Case study

Clinical embryologist — Dr Jemma Walker

Jemma is working as a clinical embryologist on the NHS Scientist Training Programme (STP). Find out more about her working day and how she hopes to develop her career

How did you get your job?

I graduated with a BSc Developmental & Cell Biology from the University of Sheffield in 2011 and completed a PhD on Developmental & Stem Cell Biology at the University of Plymouth in 2019.

I applied to the STP for clinical reproductive science - embryology and was successful in securing a position at Birmingham Women's Fertility Centre.

What's a typical working day like?

I start work at around 8:30am and check the rota to see which morning tasks I've been assigned to do. Usually this is either sperm preparations or egg collections for patients who are starting the lab side of their IVF treatment. Sometimes my tasks include fertilisation checks, embryo grading or cryopreservation for patients whose cycle started earlier in the week. Working with my colleagues we make sure to get all of these jobs done.

In the afternoon I'm often involved in preparing embryos and patients for embryo transfer or performing IVF insemination in the lab. By late afternoon I catch up on all my paperwork, read standard operating procedures (SOPs) and update patient notes.

What do you enjoy most about your job?

I love that I get to use my knowledge and enthusiasm for science to make a real difference to patients' lives. Getting to meet and talk with my patients is really rewarding and I'm glad to be able to help them on their journey to parenthood.

What are the challenges?

Time pressure is a big challenge in the IVF lab. Eggs, sperm and embryos must be handled at the appropriate times, coupled with the demands of the clinic with patient appointments to be kept.

In what way is your degree relevant?

My degree has given me an excellent grounding in the biological principles which underpin the science I carry out daily. From my PhD I also have practical experience which has made working in a busy lab a much less daunting challenge.

How has your role developed and what are your career ambitions?

I've learned more practical skills, which has allowed me to become an increasingly valued member of the team. In the future I hope to marry my love of clinical healthcare science with my passion for academic research, ultimately working in the clinic while also undertaking active research to help patients both in the present and the future.

What are your top tips for choosing a postgraduate course?

Consider the kinds of transferable skills it may help you to develop. Learning the academic content is really important, but it's the other skills like time management and problem solving that have been most invaluable to me.

What advice can you give to others wanting to get into this job?

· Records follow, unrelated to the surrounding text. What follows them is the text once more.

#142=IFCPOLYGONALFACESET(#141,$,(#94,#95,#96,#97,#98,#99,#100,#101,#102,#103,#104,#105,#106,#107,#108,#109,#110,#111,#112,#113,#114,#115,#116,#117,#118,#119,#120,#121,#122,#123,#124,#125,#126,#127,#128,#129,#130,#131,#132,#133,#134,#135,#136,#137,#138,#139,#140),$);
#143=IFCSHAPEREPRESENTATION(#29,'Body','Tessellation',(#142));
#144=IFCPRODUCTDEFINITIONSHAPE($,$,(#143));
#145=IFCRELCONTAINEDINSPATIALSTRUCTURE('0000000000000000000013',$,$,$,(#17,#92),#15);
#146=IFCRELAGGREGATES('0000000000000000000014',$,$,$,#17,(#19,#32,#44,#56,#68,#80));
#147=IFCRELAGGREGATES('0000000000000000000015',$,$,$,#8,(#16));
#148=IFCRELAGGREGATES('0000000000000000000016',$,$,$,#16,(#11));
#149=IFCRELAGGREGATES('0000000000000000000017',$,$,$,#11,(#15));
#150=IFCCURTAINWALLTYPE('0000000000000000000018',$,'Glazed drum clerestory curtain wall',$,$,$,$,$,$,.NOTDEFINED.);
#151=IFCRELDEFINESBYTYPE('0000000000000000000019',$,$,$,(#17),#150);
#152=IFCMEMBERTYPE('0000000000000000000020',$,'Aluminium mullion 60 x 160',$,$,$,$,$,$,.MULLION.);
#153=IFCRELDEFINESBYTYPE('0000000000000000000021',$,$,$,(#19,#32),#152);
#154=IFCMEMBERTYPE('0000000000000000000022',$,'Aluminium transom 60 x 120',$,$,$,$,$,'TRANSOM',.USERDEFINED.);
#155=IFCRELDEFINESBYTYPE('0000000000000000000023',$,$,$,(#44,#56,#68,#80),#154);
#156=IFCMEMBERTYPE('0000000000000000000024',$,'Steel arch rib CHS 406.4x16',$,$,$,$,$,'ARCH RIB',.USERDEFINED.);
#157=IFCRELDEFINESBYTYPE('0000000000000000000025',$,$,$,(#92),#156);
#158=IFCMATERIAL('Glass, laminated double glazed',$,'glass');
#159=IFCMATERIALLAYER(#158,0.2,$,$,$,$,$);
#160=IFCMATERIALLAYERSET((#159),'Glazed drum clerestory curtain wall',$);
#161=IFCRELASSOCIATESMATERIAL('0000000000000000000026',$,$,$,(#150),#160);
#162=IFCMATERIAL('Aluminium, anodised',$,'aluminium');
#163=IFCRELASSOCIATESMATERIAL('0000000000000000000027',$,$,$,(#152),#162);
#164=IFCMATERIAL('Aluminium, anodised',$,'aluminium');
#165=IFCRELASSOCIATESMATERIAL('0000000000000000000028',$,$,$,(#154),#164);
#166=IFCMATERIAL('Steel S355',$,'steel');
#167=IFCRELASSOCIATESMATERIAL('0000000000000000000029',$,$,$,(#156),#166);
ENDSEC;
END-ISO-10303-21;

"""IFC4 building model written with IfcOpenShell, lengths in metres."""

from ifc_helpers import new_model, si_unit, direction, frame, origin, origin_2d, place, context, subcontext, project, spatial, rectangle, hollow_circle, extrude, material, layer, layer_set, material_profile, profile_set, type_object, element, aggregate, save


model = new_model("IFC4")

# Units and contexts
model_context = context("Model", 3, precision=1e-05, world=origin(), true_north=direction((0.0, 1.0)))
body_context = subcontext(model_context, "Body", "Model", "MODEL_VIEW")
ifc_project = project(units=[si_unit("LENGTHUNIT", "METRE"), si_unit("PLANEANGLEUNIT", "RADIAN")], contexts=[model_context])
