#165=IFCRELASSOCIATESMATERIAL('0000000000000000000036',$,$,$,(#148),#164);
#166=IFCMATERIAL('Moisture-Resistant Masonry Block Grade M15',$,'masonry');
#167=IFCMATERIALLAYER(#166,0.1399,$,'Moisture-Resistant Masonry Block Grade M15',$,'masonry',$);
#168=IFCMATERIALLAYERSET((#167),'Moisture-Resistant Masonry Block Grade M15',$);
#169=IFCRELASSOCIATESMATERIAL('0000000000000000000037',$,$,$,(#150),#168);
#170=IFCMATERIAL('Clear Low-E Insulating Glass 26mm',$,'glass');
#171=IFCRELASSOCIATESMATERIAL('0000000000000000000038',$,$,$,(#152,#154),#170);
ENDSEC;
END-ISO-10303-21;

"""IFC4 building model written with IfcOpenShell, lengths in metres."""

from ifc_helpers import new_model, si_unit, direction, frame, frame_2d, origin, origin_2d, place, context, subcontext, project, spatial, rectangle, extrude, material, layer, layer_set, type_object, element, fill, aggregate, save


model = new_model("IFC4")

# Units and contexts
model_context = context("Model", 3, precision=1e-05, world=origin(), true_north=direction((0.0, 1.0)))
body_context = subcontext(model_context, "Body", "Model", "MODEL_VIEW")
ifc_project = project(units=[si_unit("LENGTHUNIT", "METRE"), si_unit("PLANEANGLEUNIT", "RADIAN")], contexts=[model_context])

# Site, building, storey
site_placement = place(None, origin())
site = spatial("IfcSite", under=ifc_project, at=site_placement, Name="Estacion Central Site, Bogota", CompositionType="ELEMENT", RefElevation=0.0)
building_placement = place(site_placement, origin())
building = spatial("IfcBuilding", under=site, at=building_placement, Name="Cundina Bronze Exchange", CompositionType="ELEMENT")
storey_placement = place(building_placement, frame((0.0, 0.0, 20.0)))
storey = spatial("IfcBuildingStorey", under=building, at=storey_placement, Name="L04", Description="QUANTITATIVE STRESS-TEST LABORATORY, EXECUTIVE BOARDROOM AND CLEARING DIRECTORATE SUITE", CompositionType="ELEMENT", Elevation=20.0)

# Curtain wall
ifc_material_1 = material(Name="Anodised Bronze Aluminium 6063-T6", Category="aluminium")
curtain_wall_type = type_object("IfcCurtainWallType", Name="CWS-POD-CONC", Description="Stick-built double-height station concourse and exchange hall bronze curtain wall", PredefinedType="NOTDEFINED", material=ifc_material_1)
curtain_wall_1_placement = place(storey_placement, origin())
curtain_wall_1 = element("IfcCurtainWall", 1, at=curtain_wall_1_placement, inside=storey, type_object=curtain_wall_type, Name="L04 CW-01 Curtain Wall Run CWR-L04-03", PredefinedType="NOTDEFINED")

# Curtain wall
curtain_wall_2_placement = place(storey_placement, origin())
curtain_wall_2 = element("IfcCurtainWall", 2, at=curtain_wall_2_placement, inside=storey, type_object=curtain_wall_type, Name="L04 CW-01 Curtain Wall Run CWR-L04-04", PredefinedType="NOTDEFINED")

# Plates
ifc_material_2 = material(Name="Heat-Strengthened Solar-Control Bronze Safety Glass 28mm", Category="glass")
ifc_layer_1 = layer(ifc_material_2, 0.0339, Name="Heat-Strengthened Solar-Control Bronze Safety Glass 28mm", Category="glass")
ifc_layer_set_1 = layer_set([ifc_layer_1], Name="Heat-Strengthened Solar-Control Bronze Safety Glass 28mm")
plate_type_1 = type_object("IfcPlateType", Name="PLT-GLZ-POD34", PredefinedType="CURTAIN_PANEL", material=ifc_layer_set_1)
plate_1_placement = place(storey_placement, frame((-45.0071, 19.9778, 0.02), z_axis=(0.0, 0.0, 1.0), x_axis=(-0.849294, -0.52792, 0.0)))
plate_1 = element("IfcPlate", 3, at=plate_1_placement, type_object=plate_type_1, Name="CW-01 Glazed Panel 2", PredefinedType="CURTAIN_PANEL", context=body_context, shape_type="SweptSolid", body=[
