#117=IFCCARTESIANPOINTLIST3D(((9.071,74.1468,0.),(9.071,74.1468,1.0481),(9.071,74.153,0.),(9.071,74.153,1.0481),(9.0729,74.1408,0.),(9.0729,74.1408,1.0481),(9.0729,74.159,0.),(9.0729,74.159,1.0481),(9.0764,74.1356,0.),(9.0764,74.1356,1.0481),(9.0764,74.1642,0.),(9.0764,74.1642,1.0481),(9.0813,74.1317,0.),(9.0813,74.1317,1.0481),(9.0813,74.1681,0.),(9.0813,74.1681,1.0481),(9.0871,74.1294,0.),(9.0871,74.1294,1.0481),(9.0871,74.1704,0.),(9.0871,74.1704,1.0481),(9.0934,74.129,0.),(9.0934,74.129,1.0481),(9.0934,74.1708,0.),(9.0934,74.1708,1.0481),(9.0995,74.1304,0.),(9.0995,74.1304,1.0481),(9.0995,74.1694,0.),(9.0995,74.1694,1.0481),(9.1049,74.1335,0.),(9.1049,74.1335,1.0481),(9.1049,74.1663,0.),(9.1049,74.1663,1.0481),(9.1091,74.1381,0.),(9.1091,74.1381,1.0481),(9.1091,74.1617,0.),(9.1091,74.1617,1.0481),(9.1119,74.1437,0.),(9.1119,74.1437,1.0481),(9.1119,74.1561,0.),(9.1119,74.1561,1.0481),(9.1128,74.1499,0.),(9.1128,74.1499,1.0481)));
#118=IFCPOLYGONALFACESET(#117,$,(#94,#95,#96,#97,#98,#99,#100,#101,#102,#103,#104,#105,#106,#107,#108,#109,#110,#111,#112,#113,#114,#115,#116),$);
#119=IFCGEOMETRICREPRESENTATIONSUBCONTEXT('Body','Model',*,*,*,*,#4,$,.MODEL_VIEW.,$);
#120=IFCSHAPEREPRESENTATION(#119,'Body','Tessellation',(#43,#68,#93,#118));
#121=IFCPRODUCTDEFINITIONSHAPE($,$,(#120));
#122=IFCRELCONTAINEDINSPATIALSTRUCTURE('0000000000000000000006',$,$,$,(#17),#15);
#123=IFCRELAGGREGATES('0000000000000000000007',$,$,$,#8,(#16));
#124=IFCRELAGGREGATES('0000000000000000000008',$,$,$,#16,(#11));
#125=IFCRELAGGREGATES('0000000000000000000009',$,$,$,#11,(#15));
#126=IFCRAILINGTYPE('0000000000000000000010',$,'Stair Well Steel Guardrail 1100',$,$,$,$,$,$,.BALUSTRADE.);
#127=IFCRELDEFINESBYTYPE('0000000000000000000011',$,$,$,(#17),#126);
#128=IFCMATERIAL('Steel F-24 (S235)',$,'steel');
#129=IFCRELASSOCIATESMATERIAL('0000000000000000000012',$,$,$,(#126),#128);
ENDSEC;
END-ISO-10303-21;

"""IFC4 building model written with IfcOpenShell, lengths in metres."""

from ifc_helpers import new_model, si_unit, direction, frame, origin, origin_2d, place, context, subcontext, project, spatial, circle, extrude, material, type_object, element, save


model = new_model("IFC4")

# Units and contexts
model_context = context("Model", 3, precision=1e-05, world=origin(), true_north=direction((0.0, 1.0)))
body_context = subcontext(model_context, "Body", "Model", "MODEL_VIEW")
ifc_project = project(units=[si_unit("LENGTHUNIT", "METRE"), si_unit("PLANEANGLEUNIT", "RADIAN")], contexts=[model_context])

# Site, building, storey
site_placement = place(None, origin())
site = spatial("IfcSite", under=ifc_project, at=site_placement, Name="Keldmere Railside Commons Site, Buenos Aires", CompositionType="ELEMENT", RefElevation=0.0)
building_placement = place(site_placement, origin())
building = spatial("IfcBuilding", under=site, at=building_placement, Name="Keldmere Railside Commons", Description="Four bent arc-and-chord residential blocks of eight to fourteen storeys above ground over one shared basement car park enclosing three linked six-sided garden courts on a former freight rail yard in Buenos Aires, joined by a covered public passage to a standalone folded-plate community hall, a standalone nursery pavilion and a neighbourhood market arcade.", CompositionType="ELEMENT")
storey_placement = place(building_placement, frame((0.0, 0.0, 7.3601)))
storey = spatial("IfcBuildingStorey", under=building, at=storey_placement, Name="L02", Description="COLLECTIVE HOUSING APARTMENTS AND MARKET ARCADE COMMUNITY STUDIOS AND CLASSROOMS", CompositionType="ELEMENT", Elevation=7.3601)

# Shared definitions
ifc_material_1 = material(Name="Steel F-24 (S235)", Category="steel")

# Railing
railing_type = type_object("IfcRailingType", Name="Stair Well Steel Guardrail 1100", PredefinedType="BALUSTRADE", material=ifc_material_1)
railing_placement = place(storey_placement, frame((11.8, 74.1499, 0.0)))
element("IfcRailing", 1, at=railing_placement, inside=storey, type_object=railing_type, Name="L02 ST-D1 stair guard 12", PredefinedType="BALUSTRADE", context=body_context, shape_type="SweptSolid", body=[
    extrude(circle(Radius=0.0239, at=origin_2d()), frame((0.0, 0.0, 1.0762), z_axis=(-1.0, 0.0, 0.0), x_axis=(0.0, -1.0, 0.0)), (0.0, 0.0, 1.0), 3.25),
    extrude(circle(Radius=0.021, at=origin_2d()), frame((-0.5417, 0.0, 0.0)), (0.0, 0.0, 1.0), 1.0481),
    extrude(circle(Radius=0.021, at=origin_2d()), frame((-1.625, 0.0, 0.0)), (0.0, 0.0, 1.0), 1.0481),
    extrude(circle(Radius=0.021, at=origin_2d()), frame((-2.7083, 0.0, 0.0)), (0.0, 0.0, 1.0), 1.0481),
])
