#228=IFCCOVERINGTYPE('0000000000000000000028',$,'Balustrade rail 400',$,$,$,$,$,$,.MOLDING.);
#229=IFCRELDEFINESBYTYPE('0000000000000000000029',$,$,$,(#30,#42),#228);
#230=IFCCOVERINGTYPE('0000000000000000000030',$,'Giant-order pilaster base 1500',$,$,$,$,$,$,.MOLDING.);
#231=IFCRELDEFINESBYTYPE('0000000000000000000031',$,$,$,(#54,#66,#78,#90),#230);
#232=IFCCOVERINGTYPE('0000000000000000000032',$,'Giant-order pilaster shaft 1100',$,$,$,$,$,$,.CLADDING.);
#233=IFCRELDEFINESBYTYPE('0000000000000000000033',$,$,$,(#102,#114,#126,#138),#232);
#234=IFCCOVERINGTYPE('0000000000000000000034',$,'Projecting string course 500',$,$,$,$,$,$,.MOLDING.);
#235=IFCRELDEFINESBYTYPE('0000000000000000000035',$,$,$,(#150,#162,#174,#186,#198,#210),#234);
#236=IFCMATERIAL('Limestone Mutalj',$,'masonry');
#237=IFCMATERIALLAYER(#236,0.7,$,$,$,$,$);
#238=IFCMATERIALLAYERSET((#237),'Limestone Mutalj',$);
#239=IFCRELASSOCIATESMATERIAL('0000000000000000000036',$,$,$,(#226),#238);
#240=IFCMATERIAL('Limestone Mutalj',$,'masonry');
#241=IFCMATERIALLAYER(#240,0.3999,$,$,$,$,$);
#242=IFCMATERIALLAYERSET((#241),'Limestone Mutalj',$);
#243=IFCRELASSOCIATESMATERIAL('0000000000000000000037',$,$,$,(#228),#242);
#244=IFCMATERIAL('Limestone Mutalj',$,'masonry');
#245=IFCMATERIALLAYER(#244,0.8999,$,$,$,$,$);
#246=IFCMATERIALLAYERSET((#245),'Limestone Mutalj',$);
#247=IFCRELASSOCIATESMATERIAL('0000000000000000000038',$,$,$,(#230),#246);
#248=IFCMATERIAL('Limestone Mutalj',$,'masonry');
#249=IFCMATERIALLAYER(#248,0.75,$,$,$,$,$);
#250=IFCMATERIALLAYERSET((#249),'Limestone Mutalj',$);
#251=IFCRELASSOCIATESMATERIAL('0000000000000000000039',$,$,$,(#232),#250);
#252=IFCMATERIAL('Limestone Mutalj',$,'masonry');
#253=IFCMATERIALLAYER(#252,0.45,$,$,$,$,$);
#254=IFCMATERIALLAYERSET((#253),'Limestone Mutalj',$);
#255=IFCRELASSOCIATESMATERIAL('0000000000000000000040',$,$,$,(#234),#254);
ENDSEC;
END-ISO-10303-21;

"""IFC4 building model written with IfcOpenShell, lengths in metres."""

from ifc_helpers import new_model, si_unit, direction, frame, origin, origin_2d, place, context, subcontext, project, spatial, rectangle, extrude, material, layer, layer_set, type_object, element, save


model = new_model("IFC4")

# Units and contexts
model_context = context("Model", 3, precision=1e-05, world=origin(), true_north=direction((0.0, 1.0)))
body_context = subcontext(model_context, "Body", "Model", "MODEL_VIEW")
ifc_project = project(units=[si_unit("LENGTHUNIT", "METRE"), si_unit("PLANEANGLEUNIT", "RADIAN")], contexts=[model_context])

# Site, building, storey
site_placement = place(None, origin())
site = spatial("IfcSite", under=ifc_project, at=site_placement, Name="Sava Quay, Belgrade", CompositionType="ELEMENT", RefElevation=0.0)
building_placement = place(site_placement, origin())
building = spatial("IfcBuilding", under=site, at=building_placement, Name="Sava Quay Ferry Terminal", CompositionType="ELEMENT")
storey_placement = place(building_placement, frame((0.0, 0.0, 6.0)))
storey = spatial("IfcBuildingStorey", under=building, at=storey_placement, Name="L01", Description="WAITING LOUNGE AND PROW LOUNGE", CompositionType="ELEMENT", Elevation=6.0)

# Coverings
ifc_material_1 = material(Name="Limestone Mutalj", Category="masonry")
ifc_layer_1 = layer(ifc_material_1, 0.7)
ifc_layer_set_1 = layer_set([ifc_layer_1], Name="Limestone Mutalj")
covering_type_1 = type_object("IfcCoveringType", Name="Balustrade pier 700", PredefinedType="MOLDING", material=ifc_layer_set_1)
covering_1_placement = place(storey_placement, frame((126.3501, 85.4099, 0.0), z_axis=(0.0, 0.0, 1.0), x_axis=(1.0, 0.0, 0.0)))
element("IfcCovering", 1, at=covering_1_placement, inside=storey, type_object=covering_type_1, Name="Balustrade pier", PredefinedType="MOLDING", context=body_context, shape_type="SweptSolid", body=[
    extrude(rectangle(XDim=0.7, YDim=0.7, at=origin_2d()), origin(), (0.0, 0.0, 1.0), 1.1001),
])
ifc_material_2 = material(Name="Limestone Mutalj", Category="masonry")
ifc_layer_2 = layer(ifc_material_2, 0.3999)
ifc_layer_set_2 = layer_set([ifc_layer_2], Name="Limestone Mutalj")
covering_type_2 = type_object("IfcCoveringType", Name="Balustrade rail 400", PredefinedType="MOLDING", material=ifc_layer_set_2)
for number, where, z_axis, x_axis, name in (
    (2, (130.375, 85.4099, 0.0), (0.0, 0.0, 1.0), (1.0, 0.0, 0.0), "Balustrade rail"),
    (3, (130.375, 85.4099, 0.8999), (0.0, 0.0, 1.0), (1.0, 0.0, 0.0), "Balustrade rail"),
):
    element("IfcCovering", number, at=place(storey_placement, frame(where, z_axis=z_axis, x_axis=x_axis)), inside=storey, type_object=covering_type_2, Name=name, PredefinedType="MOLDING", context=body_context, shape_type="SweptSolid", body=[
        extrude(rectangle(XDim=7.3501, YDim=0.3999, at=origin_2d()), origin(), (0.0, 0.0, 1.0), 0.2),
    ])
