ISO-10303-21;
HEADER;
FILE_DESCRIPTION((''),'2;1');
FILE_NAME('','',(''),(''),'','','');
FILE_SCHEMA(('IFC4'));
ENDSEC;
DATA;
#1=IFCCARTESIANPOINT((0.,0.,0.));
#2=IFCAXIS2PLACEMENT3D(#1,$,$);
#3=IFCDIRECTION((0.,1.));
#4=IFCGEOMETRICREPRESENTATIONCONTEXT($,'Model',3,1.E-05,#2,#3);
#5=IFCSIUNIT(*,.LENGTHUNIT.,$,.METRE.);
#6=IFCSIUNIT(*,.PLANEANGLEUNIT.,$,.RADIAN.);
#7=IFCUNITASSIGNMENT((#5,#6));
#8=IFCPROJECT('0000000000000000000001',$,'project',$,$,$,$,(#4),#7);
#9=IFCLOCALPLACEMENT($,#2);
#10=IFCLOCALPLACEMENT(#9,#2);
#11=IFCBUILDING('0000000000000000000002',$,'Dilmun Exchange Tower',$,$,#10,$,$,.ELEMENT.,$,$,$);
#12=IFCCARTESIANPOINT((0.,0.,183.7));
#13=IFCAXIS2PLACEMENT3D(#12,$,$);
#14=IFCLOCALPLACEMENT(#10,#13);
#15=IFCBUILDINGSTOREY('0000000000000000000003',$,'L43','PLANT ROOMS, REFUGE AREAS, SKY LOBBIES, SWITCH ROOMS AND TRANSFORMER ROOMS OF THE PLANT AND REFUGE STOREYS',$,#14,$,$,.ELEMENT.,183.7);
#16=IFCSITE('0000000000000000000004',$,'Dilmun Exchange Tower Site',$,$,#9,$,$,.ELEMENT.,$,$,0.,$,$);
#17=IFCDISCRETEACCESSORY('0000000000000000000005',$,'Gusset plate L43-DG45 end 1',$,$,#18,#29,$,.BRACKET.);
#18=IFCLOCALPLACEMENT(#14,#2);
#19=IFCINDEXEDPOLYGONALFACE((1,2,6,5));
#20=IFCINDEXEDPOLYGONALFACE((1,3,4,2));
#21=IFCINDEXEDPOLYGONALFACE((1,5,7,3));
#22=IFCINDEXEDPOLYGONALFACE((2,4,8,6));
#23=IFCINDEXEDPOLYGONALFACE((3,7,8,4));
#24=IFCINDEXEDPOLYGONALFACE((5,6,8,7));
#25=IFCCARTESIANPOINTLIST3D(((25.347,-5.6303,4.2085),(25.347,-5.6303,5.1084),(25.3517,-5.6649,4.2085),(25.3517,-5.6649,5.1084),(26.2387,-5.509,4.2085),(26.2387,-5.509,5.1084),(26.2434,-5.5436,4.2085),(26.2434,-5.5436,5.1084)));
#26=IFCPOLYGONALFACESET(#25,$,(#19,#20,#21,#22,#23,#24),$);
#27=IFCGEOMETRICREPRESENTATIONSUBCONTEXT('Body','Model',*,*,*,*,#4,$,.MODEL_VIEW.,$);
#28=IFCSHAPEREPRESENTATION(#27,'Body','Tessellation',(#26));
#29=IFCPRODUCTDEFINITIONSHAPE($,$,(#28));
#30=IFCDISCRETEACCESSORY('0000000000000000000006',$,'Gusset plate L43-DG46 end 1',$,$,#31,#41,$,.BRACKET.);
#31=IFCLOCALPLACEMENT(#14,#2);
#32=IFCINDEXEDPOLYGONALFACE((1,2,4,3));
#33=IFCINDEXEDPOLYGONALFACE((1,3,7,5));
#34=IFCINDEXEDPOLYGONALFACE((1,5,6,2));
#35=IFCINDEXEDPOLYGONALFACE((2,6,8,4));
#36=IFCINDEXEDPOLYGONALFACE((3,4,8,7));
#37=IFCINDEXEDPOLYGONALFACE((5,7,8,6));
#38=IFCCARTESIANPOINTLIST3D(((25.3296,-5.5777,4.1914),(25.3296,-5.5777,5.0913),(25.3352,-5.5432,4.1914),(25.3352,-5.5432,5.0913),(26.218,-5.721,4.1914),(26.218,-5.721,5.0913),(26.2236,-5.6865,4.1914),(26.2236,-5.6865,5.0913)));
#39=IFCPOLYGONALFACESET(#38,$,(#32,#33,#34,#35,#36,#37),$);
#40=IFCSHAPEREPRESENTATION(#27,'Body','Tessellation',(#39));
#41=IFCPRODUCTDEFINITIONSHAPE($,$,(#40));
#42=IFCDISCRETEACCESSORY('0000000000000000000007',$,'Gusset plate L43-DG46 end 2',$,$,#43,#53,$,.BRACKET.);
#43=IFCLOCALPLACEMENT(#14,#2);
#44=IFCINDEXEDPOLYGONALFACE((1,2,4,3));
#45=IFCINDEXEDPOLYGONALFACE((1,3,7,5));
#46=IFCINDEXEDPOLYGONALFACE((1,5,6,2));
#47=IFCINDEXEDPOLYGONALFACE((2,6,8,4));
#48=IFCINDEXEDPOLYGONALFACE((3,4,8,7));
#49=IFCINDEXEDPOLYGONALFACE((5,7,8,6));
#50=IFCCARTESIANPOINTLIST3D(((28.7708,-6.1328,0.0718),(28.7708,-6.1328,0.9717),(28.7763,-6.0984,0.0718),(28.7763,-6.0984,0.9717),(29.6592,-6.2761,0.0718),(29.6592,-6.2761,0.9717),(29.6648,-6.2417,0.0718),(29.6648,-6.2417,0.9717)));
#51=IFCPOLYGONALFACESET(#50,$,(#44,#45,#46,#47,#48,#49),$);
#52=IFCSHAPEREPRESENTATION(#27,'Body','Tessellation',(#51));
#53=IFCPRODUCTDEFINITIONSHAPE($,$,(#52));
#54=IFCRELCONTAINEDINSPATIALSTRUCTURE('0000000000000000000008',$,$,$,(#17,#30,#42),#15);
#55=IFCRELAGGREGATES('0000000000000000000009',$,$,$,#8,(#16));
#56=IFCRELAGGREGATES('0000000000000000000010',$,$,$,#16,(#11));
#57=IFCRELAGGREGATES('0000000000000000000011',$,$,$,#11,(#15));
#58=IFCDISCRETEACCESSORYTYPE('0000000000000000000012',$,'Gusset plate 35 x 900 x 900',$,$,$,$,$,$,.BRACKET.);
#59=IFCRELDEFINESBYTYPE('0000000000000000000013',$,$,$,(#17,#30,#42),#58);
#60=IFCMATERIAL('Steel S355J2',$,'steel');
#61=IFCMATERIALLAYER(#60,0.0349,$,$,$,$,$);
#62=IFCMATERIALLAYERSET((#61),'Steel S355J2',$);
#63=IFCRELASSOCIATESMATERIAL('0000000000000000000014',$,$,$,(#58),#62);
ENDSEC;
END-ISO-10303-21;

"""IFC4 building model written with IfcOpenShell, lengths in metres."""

from ifc_helpers import new_model, si_unit, direction, frame, origin, origin_2d, place, context, subcontext, project, spatial, rectangle, extrude, material, layer, layer_set, type_object, element, save


model = new_model("IFC4")

# Units and contexts
model_context = context("Model", 3, precision=1e-05, world=origin(), true_north=direction((0.0, 1.0)))
body_context = subcontext(model_context, "Body", "Model", "MODEL_VIEW")
ifc_project = project(units=[si_unit("LENGTHUNIT", "METRE"), si_unit("PLANEANGLEUNIT", "RADIAN")], contexts=[model_context])

# Site, building, storey
site_placement = place(None, origin())
site = spatial("IfcSite", under=ifc_project, at=site_placement, Name="Dilmun Exchange Tower Site", CompositionType="ELEMENT", RefElevation=0.0)
building_placement = place(site_placement, origin())
building = spatial("IfcBuilding", under=site, at=building_placement, Name="Dilmun Exchange Tower", CompositionType="ELEMENT")
storey_placement = place(building_placement, frame((0.0, 0.0, 183.7)))
storey = spatial("IfcBuildingStorey", under=building, at=storey_placement, Name="L43", Description="PLANT ROOMS, REFUGE AREAS, SKY LOBBIES, SWITCH ROOMS AND TRANSFORMER ROOMS OF THE PLANT AND REFUGE STOREYS", CompositionType="ELEMENT", Elevation=183.7)

# Discrete accessories
ifc_material_1 = material(Name="Steel S355J2", Category="steel")
ifc_layer_1 = layer(ifc_material_1, 0.0349)
ifc_layer_set_1 = layer_set([ifc_layer_1], Name="Steel S355J2")
discrete_accessory_type = type_object("IfcDiscreteAccessoryType", Name="Gusset plate 35 x 900 x 900", PredefinedType="BRACKET", material=ifc_layer_set_1)
for number, where, z_axis, x_axis, name in (
    (1, (25.7952, -5.5869, 4.2085), (0.0, 0.0, 1.0), (0.990874, 0.134789, 0.0), "Gusset plate L43-DG45 end 1"),
    (2, (25.7766, -5.6321, 4.1914), (0.0, 0.0, 1.0), (0.987242, -0.159226, 0.0), "Gusset plate L43-DG46 end 1"),
    (3, (29.2178, -6.1873, 0.0718), (0.0, 0.0, 1.0), (0.987242, -0.159226, 0.0), "Gusset plate L43-DG46 end 2"),
):
    element("IfcDiscreteAccessory", number, at=place(storey_placement, frame(where, z_axis=z_axis, x_axis=x_axis)), inside=storey, type_object=discrete_accessory_type, Name=name, PredefinedType="BRACKET", context=body_context, shape_type="SweptSolid", body=[
        extrude(rectangle(XDim=0.8999, YDim=0.0349, at=origin_2d()), origin(), (0.0, 0.0, 1.0), 0.8999),
    ])

save(model, "model.ifc")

  • Do your research into how to get into the profession. Generally, in England the STP is the main route into embryology. But beyond England it's often possible to learn and qualify while working in the field.
  • Make contacts. Embryology is a relatively small field and embryologists are open to talking with people who are interested in a career in reproductive medicine.
  • Don't give up. Many embryologists have applied multiple times. It's a competitive field but by developing a strong CV and getting advice from others already in the area it's possible to get there.